Speech Regime Classification: From Rules to Hybrid Architecture
How we went from 40% accuracy with a rule-based system to 97% with SetFit + LLM arbitration, and why embedding models turned out to be a reliable fallback
The Problem
A speech regime is not the topic of an utterance, nor its emotional coloring. It's the functional state of the speech apparatus: is the person building new meaning (BUILD), seeking contact (SEEK), revealing suppressed content (UNSEAL) — or sealing off vulnerability (SEAL), blocking entry (LOCK), leaking energy (DRAIN).
The Mindloom ontology defines 10 regimes. The task: identify the regime of each speech act with accuracy sufficient for clinical application.
Evolution of the Approach
Stage 1: Rule-based (40.8%)
The first version was a set of keyword detectors and scoring functions. Each regime had its own marker set. It worked on "clean" examples, but boundary cases destroyed accuracy. SEAL and VOID confused each other constantly.

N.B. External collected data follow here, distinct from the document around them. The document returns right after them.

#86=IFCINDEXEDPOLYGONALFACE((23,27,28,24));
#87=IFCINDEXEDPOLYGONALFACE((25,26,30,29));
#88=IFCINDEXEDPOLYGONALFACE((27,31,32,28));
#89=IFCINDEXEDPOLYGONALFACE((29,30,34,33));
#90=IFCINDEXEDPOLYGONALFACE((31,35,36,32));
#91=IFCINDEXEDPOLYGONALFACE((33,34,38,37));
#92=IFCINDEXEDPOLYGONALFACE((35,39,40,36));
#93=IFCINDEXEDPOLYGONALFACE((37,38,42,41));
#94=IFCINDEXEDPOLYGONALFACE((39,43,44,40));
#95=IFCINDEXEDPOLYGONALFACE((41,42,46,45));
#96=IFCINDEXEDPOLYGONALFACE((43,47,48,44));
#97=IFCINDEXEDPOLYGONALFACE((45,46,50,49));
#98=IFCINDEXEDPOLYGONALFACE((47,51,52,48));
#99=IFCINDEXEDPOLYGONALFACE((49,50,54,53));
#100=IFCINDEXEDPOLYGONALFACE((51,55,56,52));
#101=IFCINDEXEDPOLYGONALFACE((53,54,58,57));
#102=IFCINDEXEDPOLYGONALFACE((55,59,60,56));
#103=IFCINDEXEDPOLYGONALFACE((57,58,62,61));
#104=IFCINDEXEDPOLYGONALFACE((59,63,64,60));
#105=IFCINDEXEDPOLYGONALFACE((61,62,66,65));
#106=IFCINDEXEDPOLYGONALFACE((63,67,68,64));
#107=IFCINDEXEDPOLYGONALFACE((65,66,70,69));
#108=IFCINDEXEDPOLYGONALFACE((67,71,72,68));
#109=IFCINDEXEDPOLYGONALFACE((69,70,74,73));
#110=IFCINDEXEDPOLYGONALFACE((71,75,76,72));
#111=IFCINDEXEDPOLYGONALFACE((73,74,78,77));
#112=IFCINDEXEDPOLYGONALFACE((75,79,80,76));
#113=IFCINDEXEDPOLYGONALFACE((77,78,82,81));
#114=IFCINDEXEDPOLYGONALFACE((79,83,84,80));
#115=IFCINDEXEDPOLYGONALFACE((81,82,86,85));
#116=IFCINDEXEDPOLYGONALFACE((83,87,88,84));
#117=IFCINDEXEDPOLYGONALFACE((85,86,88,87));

Stage 2: SetFit embeddings (73%)
SetFit — a few-shot sentence transformer. Trained on 2,000 examples across 10 regimes. OOD (out-of-distribution) accuracy rose to 73%, but the model was confident in wrong answers. The R5 resolver (confusion matrix-based) didn't help — the model didn't know when it was wrong.
Stage 3: LLM arbitration (93.5%)
The key breakthrough — a structured LLM prompt with boundary case examples. Claude Haiku receives the top-2 candidates from the embedding model plus context. Three rounds of prompt tuning: 79.5% → 88.5% → 93.5%.
Stage 4: Final calibration (97%)
A dedicated v4 prompt with boundary examples for each problematic pair. SHIFT 28% → 100%. VOID 64% → 95%. Hard OOD-100: 87% exact, 93% top-2.
The Architectural Lesson
An embedding model is not a "weaker version of an LLM." It's a different type of knowledge: it sees the entire semantic space, while the LLM sees specific context. The hybrid is stronger than either alone.
Pipeline: Keywords → SetFit → LLM (when confidence is low). Three layers, each with its own competence. Not a cascade of fallbacks, but a distributed system of expertise.